1. How you can define Machine Learning?
ML is a field of computer science/artificial intelligence where we solve problems based on data, we have at hand using different algorithm and probability/statistical knowledge. The term ML coined by IBM scientist Mr. Arthur Samuel in 1959 also symbolizes “self-teaching computer”.
By Tom Mitchell defined ML as "A computer program is said to learn from experience E with respect to some class of tasks T and performance measure P if its performance at tasks in T, as measured by P, improves with experience E." This is so called standard definition we seen modern days.
There are 3 main categories of ML: Supervised, unsupervised and semi-supervised Machine Learning.
Supervise ML algorithm are based on data where we know what to predict i.e., we have our input value and output value or we call it labelled data e.g.: ecommerce market discount data, weather data, past stock price data; we need figure out the relation between both parties.
Un – supervised ML algorithm has only input data, hence we need to find relation in between them for example customer segmentation.
Semi-supervised are the mix of both where we have small amount of labelled data to build a supervised ML model and applied it to huge amount of unlabeled data for un supervised learning and make a good model out of both. This is the most practical approach to solve business cases with the help of ML.
2. What do you understand Labelled training dataset?
A labelled training Dataset is a data source where outcome of the input data or result or Target is given.
3. What are 2 most common supervised ML tasks you have performed so far?
Regression model and Categorical or Classification model. In regression model we use to predict a continues output based on training data like price of an item, age of a person, where in categorical/classification is kind of yes/no or any multiple outcomes predicted between constant set of output like name of fruits (banana, apple, mango).
4. What kind of Machine learning algorithm would you used to walk robot in various unknown area?
Computer vision algorithm like CNN (convolution neural network).
5. What kind of ML algo you can use to segment your user into multiple groups?
Since segmenting in multiple groups is an unsupervised ML we can use clustering algorithm like K-Means, DBSCAN, Hierarchical clustering etc.
6. What type of learning algo realized on similarity measure to make a prediction?
A similarity measure to make a prediction worked by comparing two data point or data set on their correlation or relationship based some parameter like distance etc. KNN, SOM(Self Organizing Map) are example of ML algo that work on similarity measure to make a prediction.
7. What is an online learning system?
There are several learning strategies found; but important 2 types learning strategy Batch Vs Online, in batch we have data as a batch in hand and train data select the model based on some accuracy score. In online learning we have data in streamed way or generated sequentially to the learning algorithm for training and make prediction on the fly. But validation of these kind of learning is complex and difficult to maintain in production platform.
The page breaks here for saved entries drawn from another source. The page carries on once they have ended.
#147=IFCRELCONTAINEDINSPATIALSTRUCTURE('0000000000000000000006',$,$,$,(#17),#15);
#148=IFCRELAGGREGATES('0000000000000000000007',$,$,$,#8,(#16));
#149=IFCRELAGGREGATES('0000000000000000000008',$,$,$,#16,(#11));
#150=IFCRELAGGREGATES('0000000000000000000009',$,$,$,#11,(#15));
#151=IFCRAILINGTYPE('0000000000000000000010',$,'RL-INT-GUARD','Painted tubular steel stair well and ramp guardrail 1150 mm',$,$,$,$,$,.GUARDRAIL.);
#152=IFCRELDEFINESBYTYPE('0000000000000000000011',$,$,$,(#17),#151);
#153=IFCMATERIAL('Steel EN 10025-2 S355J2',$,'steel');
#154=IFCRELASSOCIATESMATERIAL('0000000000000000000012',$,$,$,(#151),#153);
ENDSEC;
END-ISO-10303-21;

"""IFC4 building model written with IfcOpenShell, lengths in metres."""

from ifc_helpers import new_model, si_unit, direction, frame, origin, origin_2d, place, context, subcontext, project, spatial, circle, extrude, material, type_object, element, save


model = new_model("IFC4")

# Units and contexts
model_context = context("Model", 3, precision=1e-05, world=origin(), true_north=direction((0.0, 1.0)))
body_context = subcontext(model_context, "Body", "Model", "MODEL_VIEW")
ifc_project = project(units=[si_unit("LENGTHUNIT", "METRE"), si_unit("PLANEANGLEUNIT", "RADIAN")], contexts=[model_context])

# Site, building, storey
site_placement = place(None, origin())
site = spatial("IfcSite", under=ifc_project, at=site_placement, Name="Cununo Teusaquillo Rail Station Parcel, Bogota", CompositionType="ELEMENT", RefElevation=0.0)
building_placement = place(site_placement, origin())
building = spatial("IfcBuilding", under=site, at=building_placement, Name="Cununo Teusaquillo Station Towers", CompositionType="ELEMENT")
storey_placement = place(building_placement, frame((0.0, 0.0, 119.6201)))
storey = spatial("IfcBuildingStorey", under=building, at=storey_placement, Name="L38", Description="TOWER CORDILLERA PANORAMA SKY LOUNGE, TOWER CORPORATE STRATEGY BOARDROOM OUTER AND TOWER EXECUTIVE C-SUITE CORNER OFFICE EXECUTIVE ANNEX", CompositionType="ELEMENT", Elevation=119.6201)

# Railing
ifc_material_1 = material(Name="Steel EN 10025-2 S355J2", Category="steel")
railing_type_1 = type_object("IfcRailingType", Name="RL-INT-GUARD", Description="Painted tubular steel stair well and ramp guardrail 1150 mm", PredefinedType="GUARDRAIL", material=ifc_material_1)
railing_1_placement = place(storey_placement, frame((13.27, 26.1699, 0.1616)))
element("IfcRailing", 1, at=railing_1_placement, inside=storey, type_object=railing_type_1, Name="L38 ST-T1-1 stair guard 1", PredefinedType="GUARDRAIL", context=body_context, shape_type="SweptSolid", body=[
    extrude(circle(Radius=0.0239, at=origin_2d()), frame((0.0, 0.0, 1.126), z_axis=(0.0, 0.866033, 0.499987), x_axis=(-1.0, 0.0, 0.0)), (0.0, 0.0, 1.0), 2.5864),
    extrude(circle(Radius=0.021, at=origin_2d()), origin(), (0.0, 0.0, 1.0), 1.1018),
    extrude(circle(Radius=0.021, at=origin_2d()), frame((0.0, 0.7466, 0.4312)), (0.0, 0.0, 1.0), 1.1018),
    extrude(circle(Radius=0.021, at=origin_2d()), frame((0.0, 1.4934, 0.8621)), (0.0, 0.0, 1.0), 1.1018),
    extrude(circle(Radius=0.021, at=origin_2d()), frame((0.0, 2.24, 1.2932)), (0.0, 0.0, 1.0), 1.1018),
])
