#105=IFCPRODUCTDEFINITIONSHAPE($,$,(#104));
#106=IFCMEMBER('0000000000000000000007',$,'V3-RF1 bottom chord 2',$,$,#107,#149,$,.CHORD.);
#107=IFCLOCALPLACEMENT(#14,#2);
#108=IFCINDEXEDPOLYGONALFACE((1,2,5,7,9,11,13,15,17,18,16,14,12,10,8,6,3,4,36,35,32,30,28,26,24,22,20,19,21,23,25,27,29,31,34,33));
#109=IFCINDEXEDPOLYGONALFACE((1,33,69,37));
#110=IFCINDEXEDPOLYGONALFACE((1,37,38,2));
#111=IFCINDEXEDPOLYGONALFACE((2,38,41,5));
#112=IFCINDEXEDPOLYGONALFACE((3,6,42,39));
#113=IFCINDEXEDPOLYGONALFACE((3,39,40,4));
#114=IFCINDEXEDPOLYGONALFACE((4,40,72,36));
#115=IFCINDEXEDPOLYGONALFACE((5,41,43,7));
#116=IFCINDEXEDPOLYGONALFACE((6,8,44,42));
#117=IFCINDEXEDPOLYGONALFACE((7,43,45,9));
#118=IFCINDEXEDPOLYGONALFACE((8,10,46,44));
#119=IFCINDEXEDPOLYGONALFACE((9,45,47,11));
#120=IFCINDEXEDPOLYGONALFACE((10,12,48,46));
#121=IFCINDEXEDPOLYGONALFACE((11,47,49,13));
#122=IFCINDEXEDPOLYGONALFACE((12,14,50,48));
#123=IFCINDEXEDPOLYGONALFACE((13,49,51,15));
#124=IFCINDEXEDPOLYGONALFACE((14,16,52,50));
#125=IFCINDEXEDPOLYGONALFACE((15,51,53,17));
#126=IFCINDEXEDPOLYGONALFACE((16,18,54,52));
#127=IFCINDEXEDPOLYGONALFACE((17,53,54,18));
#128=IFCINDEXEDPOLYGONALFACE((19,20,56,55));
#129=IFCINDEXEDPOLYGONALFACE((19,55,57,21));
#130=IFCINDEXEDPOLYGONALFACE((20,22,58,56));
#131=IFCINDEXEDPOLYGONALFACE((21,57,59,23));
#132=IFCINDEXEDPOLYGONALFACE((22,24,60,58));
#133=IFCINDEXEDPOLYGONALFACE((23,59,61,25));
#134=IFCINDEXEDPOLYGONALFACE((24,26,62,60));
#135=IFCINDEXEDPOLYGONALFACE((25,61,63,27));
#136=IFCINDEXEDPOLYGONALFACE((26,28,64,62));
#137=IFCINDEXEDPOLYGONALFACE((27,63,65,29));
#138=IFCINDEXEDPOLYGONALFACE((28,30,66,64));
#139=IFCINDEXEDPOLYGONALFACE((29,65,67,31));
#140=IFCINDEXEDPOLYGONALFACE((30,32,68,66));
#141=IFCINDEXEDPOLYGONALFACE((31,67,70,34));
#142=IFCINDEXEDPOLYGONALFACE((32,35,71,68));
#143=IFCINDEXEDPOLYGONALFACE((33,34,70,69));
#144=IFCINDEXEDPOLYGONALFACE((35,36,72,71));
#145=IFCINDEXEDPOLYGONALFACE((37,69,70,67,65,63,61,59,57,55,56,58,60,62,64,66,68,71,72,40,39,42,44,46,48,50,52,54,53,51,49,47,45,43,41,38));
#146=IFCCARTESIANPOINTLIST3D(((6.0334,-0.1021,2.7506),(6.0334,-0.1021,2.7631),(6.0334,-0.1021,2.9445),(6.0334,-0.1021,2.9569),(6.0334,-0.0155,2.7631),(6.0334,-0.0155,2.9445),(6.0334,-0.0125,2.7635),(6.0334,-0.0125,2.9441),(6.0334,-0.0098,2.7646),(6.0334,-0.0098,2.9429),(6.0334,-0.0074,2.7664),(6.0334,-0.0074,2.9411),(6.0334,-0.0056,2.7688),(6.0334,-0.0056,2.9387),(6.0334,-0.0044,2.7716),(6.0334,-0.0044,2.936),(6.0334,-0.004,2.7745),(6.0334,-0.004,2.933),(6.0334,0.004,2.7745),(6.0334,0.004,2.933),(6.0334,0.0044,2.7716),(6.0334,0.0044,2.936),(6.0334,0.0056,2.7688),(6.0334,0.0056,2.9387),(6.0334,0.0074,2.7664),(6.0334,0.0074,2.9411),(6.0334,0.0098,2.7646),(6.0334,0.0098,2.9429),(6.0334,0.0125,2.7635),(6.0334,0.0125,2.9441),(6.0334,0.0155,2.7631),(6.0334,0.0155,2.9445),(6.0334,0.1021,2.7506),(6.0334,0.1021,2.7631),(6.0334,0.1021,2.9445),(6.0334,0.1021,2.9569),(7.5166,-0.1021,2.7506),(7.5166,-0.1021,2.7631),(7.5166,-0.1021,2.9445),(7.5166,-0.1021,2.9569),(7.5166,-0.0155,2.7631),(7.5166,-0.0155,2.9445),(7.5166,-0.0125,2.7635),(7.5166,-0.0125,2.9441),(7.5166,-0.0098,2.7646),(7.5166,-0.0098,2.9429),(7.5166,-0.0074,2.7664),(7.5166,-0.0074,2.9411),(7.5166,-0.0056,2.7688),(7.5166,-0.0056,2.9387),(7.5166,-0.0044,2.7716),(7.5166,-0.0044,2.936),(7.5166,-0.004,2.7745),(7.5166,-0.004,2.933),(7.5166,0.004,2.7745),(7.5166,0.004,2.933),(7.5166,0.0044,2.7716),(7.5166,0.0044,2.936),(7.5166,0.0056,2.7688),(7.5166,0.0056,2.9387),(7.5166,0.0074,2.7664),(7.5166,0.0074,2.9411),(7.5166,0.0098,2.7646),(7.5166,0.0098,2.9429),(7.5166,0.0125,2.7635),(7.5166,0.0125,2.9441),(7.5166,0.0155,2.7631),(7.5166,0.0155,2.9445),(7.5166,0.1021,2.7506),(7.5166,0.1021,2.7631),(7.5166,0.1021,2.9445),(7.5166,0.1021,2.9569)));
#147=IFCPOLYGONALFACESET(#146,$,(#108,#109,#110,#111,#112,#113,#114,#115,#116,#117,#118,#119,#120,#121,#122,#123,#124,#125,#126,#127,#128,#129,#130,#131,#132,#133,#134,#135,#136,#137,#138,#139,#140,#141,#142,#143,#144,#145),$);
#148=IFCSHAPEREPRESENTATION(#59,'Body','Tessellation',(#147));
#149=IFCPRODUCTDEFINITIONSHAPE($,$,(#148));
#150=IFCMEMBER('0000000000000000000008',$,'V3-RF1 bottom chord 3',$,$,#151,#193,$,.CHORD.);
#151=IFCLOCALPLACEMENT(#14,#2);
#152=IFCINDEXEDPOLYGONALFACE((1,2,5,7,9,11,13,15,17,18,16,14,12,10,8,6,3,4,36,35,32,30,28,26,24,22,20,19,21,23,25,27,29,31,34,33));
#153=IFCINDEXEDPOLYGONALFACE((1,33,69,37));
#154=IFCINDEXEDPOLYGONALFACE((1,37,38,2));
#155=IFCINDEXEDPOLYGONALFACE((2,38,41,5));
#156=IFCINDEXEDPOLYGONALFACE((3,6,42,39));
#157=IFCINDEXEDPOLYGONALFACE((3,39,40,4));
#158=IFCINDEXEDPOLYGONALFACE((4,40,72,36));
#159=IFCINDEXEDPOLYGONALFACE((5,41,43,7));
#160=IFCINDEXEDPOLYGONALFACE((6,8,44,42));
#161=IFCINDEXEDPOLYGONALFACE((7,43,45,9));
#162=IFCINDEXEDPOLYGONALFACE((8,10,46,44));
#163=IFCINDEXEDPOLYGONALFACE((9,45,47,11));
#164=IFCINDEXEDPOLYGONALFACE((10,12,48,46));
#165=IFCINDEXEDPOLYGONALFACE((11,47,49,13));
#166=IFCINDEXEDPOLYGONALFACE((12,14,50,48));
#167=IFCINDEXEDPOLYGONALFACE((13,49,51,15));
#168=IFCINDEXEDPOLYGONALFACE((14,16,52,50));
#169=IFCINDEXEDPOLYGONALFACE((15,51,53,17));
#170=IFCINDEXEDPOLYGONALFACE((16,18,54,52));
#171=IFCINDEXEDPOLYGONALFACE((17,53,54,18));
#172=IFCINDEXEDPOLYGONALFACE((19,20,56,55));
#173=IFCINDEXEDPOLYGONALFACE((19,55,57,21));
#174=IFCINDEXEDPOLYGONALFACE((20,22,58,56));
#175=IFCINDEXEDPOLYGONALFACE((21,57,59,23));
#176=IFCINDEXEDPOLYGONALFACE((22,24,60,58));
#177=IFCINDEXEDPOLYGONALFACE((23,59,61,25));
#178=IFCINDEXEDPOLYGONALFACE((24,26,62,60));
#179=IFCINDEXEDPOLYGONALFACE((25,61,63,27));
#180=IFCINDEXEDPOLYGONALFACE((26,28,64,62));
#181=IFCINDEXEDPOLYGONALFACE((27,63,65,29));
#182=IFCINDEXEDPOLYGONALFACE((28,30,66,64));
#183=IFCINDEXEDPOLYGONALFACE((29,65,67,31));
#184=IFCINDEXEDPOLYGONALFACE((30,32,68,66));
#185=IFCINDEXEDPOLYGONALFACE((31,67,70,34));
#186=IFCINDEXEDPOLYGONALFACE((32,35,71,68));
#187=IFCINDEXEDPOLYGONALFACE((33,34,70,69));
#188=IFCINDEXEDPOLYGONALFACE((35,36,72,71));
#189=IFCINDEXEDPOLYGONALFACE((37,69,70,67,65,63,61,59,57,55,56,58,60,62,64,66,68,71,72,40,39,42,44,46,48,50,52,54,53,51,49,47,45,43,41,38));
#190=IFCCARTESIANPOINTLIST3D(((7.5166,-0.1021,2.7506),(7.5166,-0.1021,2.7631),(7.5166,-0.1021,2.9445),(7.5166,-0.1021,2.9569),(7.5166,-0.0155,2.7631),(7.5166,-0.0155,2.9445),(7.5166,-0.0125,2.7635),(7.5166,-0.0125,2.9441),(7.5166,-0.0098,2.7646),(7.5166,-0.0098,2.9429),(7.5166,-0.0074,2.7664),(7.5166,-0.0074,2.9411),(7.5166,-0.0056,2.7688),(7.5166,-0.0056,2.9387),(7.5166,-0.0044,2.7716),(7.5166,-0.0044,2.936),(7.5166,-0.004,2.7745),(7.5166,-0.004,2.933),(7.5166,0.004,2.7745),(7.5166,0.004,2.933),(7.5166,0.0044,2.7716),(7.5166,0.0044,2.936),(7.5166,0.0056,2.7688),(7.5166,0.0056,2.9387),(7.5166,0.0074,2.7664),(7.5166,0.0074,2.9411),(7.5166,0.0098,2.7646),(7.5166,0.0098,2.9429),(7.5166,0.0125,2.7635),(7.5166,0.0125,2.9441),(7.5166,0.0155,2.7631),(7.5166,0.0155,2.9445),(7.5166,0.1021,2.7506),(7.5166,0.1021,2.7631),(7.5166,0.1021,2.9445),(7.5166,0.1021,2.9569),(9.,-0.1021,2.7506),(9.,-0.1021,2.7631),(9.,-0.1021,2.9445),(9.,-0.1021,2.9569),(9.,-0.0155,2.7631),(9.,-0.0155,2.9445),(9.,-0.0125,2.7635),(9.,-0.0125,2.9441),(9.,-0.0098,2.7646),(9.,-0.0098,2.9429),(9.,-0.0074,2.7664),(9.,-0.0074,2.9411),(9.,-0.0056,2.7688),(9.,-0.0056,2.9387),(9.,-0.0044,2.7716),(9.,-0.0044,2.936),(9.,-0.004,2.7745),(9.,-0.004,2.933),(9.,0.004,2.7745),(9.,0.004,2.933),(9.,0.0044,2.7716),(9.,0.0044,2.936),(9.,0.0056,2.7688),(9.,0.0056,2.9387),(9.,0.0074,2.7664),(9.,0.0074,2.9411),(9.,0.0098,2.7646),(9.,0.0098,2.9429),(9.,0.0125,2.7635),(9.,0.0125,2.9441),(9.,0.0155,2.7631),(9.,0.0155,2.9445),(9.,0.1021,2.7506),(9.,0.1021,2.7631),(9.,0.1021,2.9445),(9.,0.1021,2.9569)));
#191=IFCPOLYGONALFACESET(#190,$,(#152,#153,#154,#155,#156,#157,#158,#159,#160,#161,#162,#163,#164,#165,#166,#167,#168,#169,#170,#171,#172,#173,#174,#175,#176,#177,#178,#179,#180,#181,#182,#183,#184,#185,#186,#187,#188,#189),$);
8. What is out of core learning?
Out of core learning is used when data is big enough to fit in a single computer RAM, sklearn used partial fit API to out of core learning.
9. Can you name couple of ml challenges that you have faced?
A. Limited Data or example for learning
B. Data quality is not good or biased data / data with outliers or highly correlated data.
C. Data cleaning approach is time consuming
D. Trained Model is under fitted/over fitted on test data
E. Lots of learning algorithm/learning strategy; what will be best fit for particular business case.
10. Can you please give 1 example of hyperparameter tuning wrt some classification algorithm?
Ridge classifier with hyperparameter ALPHA
11. What is out of bag evaluation?
In supervised learning algorithm Decision Trees, we make decisions and predict the values using an if-else conditions like trees in different branches. But problem with this method is high depth od D-Trees tends to overfitting the training data hence lead to High Variance. So we used ensemble technique like Random Forest with out of bag score/evaluation method. In Random forest we create multitude of independent decision trees (using bootstrapping ie randomly selecting training data points) at training time and outputting majority prediction from all the trees as the final output. While selecting random data points from the mail training set we left some sample, which is known as out-of-bag sample. So these samples not used while creating D-trees in Random forest;
OOB_score is the number of correctly predicted rows and OOB error is the no of wrongly classified rows from the out-of-bag sample.
OOB evaluation prevent data leakage hence reduce high variance and give better predictive model with less computations. But for high volume of data, it takes lot of time and computations.
12. What do you understand by hard & soft voting classifier?
In hard voting classifier we don’t cross or violet the margin defined by the ML model (SVM) but in soft voting this margin can be violated.